Una casa de madera no es solamente otro tipo de casa, es otro tipo de vida.
Nadie duda de los efectos beneficiosos que, para la salud, comporta vivir en madera, ya sea para enfermedades de tipo reumático, como para cierto tipo de alergias y la mayoría de las que provoca el stress, por el ritmo de vida actual.
La no acumulación de electricidad estática y una mejor absorción de ruidos,
hacen el ambiente mucho más agradable y relajante.
Un menor consumo energético, tanto en
calefacción como en aire acondicionado y la posibilidad de construir su propia
vivienda, también deciden a muchas personas. Por las especiales características
de la madera, cuando estas casas se utilizan como segunda vivienda, tienen la
gran ventaja de encontrarlas en cada visita como si estuvieran siempre
habitadas.
La madera es un producto ecológico,
los bosques son cortados, replantados y cuidados, sin producir el menor daño al
entorno. De los árboles es aprovechado absolutamente todo, sin ocasionar ningún
tipo de residuo, basura o daño persistente en la naturaleza. En este momento,
existe en Finlandia el doble de reservas de madera que a principios de siglo.
Las casas pueden construirse sin utilizar ningún producto químico, es decir, puede ser una construcción totalmente ecológica.
En las construcciones de madera como en cualquier otra existen muchas cualidades que afectan directamente a la duración estética y lo que es más importante, a su habitabilidad.
Las casas de madera son normalmente más económicas que las de obra tradicional, con ningún material natural se puede construir más económico. La compra de una casa de madera a un proveedor y constructor serio y experimentado no es una aventura, consulte a quien viva en una y no se arrepentirá ya que cada día será más habitual. Este mercado ha estado duplicando sus ventas en los últimos años y seguirá en crecimiento ascendente, hasta llegar al porcentaje habitual en los países de nuestro entorno.
De la Revista "Vivir en Madera" nº 01
El futuro de la construcción
está en la madera (29 de julio de 2005)Las enormes ventajas medioambientales del uso de la madera en la construcción se conocen bien.
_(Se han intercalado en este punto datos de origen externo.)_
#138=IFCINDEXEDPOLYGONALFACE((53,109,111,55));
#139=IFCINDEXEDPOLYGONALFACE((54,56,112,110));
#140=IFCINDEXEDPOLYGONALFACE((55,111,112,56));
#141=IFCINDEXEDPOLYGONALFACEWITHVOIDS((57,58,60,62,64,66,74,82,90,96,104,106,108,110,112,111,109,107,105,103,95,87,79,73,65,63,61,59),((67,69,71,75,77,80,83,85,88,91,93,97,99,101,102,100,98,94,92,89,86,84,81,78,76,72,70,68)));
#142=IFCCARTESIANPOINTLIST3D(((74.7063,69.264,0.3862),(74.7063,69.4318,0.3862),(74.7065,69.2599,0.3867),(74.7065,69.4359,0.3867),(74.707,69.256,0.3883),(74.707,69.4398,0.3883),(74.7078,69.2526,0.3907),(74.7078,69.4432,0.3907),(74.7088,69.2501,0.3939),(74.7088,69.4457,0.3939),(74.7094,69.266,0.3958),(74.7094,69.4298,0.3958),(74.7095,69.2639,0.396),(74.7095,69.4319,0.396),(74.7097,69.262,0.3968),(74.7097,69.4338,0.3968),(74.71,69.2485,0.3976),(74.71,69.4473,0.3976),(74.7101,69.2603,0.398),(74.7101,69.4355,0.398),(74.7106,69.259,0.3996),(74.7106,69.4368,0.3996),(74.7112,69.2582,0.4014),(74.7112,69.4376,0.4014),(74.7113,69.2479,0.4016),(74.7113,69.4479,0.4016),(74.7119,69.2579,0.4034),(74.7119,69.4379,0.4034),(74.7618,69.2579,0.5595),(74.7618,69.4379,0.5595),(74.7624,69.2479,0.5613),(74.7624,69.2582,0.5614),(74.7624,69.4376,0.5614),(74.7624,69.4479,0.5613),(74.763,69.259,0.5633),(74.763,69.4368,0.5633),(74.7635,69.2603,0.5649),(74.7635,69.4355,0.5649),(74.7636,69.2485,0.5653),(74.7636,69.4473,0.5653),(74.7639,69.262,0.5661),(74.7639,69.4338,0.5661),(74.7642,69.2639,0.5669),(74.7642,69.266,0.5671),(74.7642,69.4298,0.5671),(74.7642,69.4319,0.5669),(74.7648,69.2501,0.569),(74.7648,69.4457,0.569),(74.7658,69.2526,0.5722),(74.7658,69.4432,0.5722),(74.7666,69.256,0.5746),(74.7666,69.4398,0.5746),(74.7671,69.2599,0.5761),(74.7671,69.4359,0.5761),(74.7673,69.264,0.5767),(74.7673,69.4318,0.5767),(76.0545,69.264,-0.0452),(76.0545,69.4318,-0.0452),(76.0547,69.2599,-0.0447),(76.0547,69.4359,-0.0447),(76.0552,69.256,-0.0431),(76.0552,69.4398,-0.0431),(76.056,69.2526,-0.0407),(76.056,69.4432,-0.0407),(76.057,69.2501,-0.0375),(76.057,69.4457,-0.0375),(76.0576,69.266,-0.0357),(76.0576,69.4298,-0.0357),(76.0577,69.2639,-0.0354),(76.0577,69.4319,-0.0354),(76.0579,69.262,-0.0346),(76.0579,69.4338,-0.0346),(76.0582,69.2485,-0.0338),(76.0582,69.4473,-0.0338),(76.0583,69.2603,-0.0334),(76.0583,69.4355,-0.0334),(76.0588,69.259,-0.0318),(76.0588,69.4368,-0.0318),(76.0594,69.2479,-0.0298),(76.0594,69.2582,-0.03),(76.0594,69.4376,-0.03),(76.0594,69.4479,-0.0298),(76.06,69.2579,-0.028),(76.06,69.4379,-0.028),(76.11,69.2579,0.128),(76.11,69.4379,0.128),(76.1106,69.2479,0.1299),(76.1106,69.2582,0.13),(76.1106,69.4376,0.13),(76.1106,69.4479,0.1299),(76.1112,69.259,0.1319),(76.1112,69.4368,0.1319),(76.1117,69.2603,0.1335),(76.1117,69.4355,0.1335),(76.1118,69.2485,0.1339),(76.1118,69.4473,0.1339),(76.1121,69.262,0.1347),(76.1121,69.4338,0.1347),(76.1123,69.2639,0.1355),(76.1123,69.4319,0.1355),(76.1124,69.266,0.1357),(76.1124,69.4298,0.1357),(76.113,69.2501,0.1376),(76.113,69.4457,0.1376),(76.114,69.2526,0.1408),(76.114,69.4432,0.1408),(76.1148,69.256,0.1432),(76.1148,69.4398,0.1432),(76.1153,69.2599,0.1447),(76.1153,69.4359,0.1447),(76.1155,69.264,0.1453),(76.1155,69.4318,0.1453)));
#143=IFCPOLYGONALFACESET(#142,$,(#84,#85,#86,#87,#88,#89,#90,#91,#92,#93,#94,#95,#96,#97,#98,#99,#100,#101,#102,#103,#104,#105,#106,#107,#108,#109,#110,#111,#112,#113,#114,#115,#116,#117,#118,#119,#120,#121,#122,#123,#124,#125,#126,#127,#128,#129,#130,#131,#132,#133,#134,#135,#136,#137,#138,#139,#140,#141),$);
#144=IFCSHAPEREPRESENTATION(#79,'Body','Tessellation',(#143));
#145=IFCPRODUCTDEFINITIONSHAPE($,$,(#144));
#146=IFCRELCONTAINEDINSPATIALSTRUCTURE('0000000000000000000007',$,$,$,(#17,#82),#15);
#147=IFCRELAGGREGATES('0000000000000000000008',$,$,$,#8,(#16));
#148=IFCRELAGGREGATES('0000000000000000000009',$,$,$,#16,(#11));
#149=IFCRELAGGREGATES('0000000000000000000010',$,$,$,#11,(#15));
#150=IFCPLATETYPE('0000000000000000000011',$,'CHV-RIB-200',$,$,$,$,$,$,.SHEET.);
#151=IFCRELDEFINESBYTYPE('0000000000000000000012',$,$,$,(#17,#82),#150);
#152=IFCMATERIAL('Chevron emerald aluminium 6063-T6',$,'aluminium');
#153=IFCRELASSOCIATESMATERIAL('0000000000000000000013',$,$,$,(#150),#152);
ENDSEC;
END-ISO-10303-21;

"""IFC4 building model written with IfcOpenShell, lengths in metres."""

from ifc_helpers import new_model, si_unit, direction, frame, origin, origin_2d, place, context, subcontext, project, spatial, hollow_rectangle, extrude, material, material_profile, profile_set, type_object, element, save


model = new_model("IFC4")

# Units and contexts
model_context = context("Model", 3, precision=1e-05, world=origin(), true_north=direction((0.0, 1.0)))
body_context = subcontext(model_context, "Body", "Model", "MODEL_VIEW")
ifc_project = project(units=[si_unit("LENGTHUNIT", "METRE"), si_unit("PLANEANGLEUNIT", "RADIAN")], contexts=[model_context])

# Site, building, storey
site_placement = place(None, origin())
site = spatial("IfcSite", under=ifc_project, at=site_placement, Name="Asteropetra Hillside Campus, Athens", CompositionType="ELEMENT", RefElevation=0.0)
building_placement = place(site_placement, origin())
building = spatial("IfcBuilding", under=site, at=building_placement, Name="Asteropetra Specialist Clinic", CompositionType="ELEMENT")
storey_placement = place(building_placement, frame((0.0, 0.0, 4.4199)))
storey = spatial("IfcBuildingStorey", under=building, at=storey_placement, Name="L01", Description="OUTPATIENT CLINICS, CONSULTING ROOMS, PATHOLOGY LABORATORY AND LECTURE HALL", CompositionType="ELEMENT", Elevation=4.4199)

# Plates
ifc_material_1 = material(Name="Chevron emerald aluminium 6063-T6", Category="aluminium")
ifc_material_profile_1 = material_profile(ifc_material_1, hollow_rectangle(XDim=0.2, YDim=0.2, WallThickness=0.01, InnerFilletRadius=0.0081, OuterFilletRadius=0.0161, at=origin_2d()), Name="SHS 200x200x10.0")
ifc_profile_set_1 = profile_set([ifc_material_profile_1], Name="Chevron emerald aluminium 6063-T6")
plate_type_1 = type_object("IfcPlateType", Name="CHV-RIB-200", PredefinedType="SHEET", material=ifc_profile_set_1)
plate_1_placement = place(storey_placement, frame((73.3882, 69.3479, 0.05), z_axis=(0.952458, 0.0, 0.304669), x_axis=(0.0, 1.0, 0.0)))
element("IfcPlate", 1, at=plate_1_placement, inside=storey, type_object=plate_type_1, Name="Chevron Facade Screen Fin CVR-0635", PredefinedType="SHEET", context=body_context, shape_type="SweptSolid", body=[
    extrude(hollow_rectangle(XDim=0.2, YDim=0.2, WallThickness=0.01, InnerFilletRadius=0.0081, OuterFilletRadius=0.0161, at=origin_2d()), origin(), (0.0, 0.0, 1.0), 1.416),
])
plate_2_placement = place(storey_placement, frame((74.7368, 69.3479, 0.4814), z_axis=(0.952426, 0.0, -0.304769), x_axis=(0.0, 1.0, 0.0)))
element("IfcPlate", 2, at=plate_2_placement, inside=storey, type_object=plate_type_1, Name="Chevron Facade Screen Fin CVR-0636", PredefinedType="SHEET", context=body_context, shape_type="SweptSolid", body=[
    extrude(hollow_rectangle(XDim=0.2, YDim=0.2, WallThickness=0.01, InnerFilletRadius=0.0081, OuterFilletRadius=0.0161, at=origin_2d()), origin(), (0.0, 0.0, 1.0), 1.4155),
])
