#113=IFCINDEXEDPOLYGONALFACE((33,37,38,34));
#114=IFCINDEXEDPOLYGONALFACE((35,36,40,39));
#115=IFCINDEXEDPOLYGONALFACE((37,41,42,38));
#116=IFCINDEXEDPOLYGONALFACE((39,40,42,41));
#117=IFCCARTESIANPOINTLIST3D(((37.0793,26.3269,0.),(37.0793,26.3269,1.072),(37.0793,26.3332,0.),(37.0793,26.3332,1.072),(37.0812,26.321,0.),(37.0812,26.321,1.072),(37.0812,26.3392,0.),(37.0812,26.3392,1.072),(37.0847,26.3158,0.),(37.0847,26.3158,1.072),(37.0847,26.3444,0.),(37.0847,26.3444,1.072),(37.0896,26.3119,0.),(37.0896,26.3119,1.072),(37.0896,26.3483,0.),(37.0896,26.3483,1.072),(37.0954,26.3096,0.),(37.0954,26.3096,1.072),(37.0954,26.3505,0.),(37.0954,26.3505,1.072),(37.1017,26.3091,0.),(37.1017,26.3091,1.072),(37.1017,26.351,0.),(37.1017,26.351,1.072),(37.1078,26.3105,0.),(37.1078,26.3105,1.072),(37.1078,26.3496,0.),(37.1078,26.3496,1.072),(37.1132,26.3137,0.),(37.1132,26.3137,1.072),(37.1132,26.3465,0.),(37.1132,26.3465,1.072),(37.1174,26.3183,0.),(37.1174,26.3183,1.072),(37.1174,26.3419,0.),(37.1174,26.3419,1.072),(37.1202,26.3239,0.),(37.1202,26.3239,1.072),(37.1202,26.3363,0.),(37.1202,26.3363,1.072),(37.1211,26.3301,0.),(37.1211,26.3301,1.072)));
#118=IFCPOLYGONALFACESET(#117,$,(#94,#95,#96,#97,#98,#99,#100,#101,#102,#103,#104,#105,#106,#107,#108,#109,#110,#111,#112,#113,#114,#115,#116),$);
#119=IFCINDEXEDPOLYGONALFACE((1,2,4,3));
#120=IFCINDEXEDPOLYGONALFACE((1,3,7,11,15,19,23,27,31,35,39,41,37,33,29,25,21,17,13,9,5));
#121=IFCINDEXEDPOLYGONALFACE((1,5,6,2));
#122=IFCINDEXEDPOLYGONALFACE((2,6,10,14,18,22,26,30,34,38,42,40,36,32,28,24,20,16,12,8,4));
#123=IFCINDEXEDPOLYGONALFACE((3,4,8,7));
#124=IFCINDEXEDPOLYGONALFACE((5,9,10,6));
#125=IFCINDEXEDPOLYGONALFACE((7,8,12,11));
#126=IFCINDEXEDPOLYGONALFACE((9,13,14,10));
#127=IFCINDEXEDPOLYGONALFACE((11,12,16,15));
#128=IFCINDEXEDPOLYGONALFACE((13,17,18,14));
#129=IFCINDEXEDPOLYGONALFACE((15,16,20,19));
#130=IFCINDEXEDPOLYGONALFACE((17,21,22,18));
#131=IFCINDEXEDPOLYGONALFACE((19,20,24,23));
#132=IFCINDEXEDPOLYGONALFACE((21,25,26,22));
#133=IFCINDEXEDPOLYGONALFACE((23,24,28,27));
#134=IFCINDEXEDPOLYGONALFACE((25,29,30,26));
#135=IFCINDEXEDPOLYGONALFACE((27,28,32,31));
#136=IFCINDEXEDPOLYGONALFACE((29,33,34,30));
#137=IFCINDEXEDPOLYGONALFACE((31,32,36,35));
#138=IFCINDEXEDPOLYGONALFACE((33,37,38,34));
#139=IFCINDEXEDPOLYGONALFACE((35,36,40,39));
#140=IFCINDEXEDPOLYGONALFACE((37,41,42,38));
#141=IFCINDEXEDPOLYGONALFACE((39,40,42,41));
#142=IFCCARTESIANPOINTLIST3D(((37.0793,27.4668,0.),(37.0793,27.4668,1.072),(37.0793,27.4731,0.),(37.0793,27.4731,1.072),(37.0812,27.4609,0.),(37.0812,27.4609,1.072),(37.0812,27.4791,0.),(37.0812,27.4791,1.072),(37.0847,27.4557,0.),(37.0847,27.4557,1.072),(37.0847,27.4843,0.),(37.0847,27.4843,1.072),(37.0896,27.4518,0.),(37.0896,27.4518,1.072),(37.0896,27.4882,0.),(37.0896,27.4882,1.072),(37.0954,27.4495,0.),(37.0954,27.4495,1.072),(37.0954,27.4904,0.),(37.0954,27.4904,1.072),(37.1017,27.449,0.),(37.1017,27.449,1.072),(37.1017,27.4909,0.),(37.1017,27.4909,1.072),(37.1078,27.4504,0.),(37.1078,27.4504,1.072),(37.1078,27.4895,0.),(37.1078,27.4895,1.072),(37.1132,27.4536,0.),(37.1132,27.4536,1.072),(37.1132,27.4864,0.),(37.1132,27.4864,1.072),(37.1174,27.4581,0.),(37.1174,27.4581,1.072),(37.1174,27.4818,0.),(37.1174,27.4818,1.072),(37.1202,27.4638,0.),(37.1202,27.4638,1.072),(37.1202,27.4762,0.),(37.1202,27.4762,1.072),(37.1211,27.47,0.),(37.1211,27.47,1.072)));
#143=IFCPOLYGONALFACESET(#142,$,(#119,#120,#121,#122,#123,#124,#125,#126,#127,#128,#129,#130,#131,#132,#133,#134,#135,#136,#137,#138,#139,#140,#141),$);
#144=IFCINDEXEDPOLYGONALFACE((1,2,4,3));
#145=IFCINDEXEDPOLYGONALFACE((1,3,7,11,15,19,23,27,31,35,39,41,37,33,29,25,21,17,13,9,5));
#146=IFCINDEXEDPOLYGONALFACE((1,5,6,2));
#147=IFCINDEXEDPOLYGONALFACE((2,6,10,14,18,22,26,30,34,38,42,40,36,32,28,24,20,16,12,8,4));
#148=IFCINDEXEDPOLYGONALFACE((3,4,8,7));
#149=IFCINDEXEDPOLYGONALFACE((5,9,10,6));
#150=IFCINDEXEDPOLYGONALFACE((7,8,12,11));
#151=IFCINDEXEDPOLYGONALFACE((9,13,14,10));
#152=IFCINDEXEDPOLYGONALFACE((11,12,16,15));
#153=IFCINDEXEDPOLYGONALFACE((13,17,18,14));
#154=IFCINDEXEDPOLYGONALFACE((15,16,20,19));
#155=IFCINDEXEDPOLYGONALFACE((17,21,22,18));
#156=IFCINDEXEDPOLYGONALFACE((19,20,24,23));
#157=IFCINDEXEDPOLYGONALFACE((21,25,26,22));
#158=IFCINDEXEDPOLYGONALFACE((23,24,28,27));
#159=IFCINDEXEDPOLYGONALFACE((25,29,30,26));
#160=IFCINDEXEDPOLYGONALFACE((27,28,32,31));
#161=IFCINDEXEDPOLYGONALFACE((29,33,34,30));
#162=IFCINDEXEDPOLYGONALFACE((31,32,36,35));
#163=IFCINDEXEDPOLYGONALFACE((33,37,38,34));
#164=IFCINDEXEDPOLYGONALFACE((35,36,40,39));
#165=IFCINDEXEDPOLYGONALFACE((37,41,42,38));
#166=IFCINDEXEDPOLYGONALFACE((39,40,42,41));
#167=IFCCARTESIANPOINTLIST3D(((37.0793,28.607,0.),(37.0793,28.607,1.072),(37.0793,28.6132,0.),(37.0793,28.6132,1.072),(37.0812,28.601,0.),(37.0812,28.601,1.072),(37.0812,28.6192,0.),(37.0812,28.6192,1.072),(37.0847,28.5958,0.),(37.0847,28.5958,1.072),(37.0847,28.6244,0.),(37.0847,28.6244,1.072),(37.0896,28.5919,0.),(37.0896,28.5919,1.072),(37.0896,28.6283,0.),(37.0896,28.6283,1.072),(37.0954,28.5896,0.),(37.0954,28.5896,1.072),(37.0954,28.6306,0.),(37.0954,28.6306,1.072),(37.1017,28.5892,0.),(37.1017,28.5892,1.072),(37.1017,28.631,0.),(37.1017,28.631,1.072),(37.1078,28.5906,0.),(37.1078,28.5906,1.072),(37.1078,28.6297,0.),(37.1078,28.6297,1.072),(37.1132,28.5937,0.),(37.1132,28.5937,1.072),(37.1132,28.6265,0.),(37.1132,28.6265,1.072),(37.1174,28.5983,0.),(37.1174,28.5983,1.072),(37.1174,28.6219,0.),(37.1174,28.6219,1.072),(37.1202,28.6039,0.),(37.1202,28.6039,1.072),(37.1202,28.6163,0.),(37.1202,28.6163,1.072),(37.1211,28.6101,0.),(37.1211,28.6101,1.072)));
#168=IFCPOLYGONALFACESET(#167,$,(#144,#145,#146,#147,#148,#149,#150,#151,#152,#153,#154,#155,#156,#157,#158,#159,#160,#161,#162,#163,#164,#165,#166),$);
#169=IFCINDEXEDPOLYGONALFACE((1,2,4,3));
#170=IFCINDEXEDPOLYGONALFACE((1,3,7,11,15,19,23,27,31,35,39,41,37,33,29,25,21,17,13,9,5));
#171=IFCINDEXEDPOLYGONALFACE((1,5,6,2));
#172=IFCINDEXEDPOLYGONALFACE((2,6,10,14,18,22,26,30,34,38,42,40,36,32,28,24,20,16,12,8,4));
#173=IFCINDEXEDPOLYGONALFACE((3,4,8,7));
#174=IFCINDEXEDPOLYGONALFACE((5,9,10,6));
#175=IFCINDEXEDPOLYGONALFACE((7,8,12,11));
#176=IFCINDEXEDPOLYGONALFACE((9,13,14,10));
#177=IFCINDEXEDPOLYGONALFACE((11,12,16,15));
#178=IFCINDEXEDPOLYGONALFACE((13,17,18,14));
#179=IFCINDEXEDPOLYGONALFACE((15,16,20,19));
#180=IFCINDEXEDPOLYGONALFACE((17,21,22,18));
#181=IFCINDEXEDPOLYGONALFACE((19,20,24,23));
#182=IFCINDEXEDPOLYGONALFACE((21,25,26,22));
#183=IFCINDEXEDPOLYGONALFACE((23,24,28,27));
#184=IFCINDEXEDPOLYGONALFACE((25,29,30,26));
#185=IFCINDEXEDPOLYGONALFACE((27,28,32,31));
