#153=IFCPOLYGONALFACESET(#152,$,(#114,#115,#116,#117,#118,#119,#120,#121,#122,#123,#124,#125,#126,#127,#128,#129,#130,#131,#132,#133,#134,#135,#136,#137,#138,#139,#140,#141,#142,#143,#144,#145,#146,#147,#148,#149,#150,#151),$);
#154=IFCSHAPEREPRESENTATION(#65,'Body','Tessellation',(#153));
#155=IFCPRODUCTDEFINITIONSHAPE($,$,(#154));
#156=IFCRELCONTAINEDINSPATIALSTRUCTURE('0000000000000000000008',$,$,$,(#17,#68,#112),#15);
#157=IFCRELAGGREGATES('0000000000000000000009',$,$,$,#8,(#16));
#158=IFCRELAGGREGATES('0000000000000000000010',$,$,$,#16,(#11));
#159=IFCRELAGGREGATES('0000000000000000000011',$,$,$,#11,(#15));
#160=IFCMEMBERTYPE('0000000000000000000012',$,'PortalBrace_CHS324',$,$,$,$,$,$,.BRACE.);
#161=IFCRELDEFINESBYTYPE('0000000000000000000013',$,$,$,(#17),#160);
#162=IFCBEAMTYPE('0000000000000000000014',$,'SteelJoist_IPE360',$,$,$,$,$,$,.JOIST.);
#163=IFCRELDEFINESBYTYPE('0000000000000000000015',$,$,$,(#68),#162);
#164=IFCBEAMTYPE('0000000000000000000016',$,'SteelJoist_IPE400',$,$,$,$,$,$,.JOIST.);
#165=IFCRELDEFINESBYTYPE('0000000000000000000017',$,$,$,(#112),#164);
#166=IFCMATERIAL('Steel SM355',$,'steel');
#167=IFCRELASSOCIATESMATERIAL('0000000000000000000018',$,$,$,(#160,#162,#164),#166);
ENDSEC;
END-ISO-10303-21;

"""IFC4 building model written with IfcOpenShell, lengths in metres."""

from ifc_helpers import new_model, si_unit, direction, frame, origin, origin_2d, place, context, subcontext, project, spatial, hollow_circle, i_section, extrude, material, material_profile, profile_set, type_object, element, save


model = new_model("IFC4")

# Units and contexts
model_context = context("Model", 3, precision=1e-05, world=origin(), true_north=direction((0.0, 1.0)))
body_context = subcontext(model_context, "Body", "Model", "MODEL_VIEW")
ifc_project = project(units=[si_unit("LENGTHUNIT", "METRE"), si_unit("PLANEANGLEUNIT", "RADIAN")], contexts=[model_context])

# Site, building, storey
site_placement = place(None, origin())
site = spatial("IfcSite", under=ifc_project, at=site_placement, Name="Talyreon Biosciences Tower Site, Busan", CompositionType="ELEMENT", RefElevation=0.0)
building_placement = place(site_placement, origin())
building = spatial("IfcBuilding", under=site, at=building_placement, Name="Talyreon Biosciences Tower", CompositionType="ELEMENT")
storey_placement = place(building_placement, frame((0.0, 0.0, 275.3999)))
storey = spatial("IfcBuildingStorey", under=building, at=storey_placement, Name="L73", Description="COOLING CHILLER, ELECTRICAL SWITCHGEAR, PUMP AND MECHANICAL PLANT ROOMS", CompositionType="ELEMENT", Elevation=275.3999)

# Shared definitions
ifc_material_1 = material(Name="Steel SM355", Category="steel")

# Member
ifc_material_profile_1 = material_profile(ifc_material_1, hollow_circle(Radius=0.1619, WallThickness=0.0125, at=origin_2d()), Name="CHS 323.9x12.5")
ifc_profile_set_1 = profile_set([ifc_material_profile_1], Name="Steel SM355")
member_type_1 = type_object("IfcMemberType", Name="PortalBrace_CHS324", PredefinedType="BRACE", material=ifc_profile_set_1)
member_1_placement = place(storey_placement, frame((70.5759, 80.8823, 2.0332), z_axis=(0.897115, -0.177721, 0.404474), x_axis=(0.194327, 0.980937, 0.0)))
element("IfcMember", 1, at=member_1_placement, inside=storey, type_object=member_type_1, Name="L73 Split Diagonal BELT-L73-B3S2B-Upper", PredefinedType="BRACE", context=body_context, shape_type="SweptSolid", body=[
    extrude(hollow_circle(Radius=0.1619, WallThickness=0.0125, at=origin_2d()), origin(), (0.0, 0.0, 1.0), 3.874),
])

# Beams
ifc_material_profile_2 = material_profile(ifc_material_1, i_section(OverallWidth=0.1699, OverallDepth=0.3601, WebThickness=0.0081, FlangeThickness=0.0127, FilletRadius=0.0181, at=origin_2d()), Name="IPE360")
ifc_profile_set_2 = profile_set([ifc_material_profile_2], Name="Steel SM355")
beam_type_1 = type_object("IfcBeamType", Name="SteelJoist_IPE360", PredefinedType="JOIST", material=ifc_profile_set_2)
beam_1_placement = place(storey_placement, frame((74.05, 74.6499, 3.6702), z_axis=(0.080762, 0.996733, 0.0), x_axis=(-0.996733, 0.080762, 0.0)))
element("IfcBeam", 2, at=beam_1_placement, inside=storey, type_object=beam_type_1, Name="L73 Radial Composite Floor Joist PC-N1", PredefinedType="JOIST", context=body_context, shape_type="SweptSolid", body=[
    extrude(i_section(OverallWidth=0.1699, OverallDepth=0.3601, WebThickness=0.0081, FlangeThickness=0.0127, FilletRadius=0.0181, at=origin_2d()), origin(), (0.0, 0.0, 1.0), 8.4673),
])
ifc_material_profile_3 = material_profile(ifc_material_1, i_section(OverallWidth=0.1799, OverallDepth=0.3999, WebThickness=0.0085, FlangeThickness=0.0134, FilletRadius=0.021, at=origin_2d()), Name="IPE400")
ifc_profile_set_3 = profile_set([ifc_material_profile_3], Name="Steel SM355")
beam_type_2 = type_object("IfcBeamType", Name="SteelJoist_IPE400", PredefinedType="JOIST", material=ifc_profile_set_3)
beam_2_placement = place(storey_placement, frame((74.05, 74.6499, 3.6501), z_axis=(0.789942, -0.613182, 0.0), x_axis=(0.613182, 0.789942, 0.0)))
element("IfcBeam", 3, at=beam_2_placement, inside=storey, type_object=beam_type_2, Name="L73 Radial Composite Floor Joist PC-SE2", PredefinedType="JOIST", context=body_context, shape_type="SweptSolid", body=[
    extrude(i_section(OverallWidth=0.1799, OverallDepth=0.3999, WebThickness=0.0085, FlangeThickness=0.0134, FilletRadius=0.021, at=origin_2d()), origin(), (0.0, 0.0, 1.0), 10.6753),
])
Un ejemplo procedente de Irlanda demuestra que estas ventajas se asocian, además, a importantes beneficios económicos.
La responsabilidad de este desarrollo debe atribuirse a los esfuerzos de los fabricantes europeos de estructuras de madera. Durante los primeros años, la actividad de estas empresas se centró en el suministro de las partes a los "autoconstructores" de su propia vivienda individual. Sin embargo, con el paso del tiempo, los promotores inmobiliarios empezaron a comprender las ventajas de estas estructuras. En sus comienzos, el 90% de la producción de estructuras de madera se destinaba a compradores individuales y sólo un 10% a promotores. Actualmente, alrededor del 98% de la cifra de negocio procede de estos últimos.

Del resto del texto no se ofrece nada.